When finally they breasted the rise of Tombstone Law and looked across the valley at the Hall, it was ablaze with lights in every window.

'Oh how beautiful!' said Jessica, 'Let's stop here for a moment. I want to savour it so.'

She got out and gazed ecstatically at the house. From its peel tower to its smoking chimneys and the lights gleaming from its windows it was everything she had hoped for. As if to celebrate this fulfilment the moon came out from behind a cloud and glinted on the surface of the reservoir and in the distance there came the baying of the Flawse hounds. The reading matter of Jessica's retarded adolescence was making itself manifest.

Chapter eight

It might be said that old Mr Flawse's reading matter made itself manifest next morning in the hall of the peel tower which his grandfather had restored to more than its former elegance. A contemporary of Sir Walter Scott and a voracious reader of his novels, he had turned what had been a fortified byre for cattle into a banqueting hall with plaster chasing and ornamental crests, while from the rafters there hung the tattered and entirely concocted battle-flags of half a dozen fictitious regiments. Time and moths had lent these standards a gauzelike authenticity while rust had etched a handiwork into the suited armour and armoury that they had never possessed when he had bought them. And armour and arms were everywhere. Hel-meted figures stood against the walls and above them, interspersed with the stuffed heads of stags, moose, antelope and bear, and even one tiger, were the swords and battle-axes of bygone wars.

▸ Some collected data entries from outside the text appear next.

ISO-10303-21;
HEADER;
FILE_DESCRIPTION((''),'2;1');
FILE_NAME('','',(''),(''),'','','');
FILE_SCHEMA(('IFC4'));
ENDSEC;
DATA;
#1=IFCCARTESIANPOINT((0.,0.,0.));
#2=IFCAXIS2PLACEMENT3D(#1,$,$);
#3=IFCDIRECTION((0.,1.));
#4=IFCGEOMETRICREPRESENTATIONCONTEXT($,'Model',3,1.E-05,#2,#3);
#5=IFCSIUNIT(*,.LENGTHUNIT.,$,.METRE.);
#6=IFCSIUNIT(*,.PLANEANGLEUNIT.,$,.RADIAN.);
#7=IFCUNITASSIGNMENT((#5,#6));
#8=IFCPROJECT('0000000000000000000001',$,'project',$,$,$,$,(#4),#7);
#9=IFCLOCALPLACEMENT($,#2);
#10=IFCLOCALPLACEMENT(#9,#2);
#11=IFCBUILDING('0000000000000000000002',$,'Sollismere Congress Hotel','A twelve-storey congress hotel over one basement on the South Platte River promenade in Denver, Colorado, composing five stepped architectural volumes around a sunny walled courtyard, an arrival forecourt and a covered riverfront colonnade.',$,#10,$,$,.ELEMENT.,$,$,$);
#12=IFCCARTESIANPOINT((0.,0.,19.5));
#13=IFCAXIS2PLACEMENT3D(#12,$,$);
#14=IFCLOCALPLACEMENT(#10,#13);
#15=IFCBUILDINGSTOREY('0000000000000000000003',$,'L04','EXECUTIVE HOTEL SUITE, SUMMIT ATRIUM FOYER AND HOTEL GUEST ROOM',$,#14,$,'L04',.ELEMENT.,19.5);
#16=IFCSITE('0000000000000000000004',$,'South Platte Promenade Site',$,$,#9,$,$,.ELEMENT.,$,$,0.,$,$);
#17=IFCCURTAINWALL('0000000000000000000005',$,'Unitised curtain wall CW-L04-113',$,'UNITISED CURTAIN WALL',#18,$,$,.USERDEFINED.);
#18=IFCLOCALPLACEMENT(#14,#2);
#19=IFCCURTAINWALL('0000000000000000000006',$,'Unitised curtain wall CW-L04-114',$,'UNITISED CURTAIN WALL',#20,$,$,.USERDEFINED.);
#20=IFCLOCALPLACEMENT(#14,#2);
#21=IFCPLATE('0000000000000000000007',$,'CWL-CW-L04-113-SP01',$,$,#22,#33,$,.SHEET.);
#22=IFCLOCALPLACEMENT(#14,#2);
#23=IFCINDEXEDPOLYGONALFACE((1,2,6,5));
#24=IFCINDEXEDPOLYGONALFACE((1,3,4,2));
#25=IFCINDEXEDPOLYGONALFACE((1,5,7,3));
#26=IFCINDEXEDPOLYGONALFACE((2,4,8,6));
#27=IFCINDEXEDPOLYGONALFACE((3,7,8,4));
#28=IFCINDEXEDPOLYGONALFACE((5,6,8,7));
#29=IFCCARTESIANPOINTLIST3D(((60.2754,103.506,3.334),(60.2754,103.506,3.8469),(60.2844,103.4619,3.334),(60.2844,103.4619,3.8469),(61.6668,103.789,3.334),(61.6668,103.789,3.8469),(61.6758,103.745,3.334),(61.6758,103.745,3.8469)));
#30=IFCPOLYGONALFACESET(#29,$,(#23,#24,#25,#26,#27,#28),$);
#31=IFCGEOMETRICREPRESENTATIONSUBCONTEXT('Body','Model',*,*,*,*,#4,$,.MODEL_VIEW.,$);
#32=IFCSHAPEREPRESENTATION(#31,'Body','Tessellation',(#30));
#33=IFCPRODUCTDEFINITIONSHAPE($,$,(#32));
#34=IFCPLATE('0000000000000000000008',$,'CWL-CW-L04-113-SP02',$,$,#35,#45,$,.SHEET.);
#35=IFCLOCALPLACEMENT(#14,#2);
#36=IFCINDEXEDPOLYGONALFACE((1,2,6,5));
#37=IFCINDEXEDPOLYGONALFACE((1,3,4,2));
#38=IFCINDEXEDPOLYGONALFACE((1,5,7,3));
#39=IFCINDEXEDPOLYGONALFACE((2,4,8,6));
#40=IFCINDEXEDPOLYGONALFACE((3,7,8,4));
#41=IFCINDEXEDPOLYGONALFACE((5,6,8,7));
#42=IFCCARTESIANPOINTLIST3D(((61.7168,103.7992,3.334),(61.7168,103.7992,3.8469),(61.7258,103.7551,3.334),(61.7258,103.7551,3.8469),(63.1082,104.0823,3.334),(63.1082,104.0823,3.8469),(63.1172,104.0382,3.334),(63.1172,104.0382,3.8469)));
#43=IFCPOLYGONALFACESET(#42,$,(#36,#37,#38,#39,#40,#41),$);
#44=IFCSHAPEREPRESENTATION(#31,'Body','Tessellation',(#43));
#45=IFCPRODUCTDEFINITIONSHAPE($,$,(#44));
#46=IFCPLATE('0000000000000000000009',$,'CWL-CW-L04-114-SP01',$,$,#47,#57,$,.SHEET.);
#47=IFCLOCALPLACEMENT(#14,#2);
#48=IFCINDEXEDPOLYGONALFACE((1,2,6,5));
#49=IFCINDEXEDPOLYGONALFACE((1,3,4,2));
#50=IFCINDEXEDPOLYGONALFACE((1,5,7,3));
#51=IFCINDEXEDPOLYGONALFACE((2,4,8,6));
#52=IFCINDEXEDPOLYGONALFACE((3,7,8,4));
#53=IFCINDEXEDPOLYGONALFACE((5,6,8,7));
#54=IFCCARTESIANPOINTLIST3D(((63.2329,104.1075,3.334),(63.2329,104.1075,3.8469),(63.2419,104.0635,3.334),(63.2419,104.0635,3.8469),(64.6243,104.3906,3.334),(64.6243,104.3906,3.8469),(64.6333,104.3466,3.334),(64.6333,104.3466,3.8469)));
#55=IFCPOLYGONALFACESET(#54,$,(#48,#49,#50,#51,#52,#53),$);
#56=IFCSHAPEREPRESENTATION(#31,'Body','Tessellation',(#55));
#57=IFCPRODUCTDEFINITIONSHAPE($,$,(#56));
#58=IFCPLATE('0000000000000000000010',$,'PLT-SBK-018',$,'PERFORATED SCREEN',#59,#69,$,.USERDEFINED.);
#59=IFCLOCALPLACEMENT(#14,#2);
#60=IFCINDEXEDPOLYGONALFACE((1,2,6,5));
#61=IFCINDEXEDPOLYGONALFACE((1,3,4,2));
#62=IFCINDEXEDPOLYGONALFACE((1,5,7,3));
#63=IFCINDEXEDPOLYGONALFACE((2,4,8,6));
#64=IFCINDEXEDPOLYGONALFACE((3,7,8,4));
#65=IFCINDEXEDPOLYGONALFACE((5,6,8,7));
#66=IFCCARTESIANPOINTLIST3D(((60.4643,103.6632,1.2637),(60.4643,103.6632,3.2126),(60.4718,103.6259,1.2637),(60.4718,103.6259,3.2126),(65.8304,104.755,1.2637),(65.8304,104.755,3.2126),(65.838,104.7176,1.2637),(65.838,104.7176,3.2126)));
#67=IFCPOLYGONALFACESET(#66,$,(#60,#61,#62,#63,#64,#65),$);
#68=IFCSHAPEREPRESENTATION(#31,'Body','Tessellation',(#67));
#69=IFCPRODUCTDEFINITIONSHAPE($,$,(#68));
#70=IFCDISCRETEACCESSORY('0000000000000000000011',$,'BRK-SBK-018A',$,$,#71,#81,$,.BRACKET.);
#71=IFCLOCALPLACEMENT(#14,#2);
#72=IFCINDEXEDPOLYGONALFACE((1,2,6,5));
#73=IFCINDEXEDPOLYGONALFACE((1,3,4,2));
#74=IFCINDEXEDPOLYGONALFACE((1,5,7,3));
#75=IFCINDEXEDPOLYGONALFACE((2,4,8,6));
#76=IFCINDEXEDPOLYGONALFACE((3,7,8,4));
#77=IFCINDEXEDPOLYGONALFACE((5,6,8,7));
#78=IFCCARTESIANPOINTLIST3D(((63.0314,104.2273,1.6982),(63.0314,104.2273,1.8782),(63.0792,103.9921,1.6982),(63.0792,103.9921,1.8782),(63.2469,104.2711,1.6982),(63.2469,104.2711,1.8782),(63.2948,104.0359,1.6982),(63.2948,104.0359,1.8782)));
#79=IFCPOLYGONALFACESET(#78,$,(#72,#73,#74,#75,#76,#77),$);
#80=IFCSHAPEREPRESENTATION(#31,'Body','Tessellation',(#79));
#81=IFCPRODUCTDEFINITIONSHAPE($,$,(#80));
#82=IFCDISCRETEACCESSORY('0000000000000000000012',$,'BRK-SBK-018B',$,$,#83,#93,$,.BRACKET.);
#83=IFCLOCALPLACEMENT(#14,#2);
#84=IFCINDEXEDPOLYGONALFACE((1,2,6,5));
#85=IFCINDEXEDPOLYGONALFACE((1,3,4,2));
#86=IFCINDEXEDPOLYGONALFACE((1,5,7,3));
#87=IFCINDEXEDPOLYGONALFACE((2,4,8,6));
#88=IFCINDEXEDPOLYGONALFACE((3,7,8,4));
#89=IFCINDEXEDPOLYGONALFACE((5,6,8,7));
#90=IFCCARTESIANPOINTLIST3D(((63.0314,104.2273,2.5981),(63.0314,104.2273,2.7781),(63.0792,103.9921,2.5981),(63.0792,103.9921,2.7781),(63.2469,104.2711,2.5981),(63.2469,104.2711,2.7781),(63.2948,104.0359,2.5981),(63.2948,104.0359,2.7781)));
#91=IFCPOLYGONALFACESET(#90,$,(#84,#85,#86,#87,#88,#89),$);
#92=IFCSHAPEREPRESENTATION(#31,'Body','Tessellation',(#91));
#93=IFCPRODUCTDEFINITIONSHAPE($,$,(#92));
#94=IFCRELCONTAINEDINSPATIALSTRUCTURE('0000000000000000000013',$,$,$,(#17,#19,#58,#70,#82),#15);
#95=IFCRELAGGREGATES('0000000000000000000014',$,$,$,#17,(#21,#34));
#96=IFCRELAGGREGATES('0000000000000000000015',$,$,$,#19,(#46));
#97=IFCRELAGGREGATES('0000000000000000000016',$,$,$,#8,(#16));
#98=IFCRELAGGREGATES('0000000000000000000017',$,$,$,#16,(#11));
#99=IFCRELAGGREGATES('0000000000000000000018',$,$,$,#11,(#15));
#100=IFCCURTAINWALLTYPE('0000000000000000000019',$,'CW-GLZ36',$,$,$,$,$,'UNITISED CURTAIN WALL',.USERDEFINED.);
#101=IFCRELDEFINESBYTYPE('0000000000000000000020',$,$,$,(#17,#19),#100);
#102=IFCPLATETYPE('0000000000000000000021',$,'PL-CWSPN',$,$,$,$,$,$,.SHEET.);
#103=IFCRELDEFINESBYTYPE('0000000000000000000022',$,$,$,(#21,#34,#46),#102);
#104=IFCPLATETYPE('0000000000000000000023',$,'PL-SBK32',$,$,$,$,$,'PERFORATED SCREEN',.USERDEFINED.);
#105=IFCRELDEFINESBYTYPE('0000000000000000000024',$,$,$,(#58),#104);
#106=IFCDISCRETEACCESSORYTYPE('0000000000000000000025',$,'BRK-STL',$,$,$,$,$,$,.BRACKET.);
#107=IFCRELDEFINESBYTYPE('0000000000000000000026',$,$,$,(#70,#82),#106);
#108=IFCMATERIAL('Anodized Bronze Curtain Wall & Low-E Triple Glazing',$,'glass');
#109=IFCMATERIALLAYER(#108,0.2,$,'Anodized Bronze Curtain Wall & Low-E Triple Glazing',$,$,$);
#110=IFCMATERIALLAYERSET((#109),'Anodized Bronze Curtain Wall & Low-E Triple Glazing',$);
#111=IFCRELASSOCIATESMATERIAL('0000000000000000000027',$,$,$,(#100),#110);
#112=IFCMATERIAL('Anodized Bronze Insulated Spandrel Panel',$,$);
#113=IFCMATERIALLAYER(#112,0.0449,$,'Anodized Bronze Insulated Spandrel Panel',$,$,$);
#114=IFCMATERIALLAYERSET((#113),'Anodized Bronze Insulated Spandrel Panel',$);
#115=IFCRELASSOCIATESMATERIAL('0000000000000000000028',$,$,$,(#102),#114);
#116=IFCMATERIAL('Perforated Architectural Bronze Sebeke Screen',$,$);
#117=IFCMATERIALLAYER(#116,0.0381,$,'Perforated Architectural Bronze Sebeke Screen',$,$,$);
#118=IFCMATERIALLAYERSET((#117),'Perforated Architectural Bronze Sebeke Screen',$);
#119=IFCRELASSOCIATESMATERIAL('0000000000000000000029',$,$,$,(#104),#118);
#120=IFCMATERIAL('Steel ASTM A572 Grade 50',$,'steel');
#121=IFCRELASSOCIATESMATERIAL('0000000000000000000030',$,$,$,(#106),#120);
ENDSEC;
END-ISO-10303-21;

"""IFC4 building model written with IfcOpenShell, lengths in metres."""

from ifc_helpers import new_model, si_unit, direction, frame, origin, origin_2d, place, context, subcontext, project, spatial, rectangle, extrude, material, layer, layer_set, type_object, element, aggregate, save


model = new_model("IFC4")

# Units and contexts
model_context = context("Model", 3, precision=1e-05, world=origin(), true_north=direction((0.0, 1.0)))
body_context = subcontext(model_context, "Body", "Model", "MODEL_VIEW")
ifc_project = project(units=[si_unit("LENGTHUNIT", "METRE"), si_unit("PLANEANGLEUNIT", "RADIAN")], contexts=[model_context])

# Site, building, storey
site_placement = place(None, origin())
site = spatial("IfcSite", under=ifc_project, at=site_placement, Name="South Platte Promenade Site", CompositionType="ELEMENT", RefElevation=0.0)
building_placement = place(site_placement, origin())
building = spatial("IfcBuilding", under=site, at=building_placement, Name="Sollismere Congress Hotel", Description="A twelve-storey congress hotel over one basement on the South Platte River promenade in Denver, Colorado, composing five stepped architectural volumes around a sunny walled courtyard, an arrival forecourt and a covered riverfront colonnade.", CompositionType="ELEMENT")
storey_placement = place(building_placement, frame((0.0, 0.0, 19.5)))
storey = spatial("IfcBuildingStorey", under=building, at=storey_placement, Name="L04", Description="EXECUTIVE HOTEL SUITE, SUMMIT ATRIUM FOYER AND HOTEL GUEST ROOM", LongName="L04", CompositionType="ELEMENT", Elevation=19.5)

# Curtain wall
ifc_material_1 = material(Name="Anodized Bronze Curtain Wall & Low-E Triple Glazing", Category="glass")
ifc_layer_1 = layer(ifc_material_1, 0.2, Name="Anodized Bronze Curtain Wall & Low-E Triple Glazing")
ifc_layer_set_1 = layer_set([ifc_layer_1], Name="Anodized Bronze Curtain Wall & Low-E Triple Glazing")
curtain_wall_type = type_object("IfcCurtainWallType", Name="CW-GLZ36", ElementType="UNITISED CURTAIN WALL", PredefinedType="USERDEFINED", material=ifc_layer_set_1)
curtain_wall_1_placement = place(storey_placement, origin())
curtain_wall_1 = element("IfcCurtainWall", 1, at=curtain_wall_1_placement, inside=storey, type_object=curtain_wall_type, Name="Unitised curtain wall CW-L04-113", ObjectType="UNITISED CURTAIN WALL", PredefinedType="USERDEFINED")

# Curtain wall
curtain_wall_2_placement = place(storey_placement, origin())
curtain_wall_2 = element("IfcCurtainWall", 2, at=curtain_wall_2_placement, inside=storey, type_object=curtain_wall_type, Name="Unitised curtain wall CW-L04-114", ObjectType="UNITISED CURTAIN WALL", PredefinedType="USERDEFINED")

# Plates
ifc_material_2 = material(Name="Anodized Bronze Insulated Spandrel Panel")
ifc_layer_2 = layer(ifc_material_2, 0.0449, Name="Anodized Bronze Insulated Spandrel Panel")
ifc_layer_set_2 = layer_set([ifc_layer_2], Name="Anodized Bronze Insulated Spandrel Panel")
plate_type_1 = type_object("IfcPlateType", Name="PL-CWSPN", PredefinedType="SHEET", material=ifc_layer_set_2)
plate_1_placement = place(storey_placement, frame((60.9756, 103.6255, 3.334), z_axis=(0.0, 0.0, 1.0), x_axis=(0.979925, 0.199368, 0.0)))
plate_1 = element("IfcPlate", 3, at=plate_1_placement, type_object=plate_type_1, Name="CWL-CW-L04-113-SP01", PredefinedType="SHEET", context=body_context, shape_type="SweptSolid", body=[
    extrude(rectangle(XDim=1.4199, YDim=0.0449, at=origin_2d()), origin(), (0.0, 0.0, 1.0), 0.5129),
])
plate_2_placement = place(storey_placement, frame((62.417, 103.9187, 3.334), z_axis=(0.0, 0.0, 1.0), x_axis=(0.979925, 0.199368, 0.0)))
plate_2 = element("IfcPlate", 4, at=plate_2_placement, type_object=plate_type_1, Name="CWL-CW-L04-113-SP02", PredefinedType="SHEET", context=body_context, shape_type="SweptSolid", body=[
    extrude(rectangle(XDim=1.4199, YDim=0.0449, at=origin_2d()), origin(), (0.0, 0.0, 1.0), 0.5129),
])
aggregate(curtain_wall_1, [plate_1, plate_2])
plate_3_placement = place(storey_placement, frame((63.9331, 104.2271, 3.334), z_axis=(0.0, 0.0, 1.0), x_axis=(0.979925, 0.199368, 0.0)))
plate_3 = element("IfcPlate", 5, at=plate_3_placement, type_object=plate_type_1, Name="CWL-CW-L04-114-SP01", PredefinedType="SHEET", context=body_context, shape_type="SweptSolid", body=[
    extrude(rectangle(XDim=1.4199, YDim=0.0449, at=origin_2d()), origin(), (0.0, 0.0, 1.0), 0.5129),
])
aggregate(curtain_wall_2, [plate_3])
ifc_material_3 = material(Name="Perforated Architectural Bronze Sebeke Screen")
ifc_layer_3 = layer(ifc_material_3, 0.0381, Name="Perforated Architectural Bronze Sebeke Screen")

It was in this bellicose setting, with a great fire blazing in the hearth and smoke filtering up among the flags, that Mr Flawse chose to have his will read. Seated before him at a huge oak table were his nearest and supposedly dearest: Lockhart, Mrs Flawse, Jessica in a coma of romance, Mr Bullstrode the solicitor, who was to read the will, two tenant farmers to witness its signature, and Dr Magrew to certify that Mr Flawse was, as he proclaimed, of sound mind.

'The ceremony must be conducted under the most stringent of legal and jurisprudent conditions,' Mr Flawse had instructed, and so it was. He might just as well have added that the late and great Thomas Carlyle would lend the weight of his rhetorical authority to the proceedings, and certainly there were strains of the Sage of Ecchilfeccan in the old man's opening address. His words rang in the rafters and while for legal reasons the will contained few commas, Mr Flawse made good this deficiency by larding his speech with semi-colons.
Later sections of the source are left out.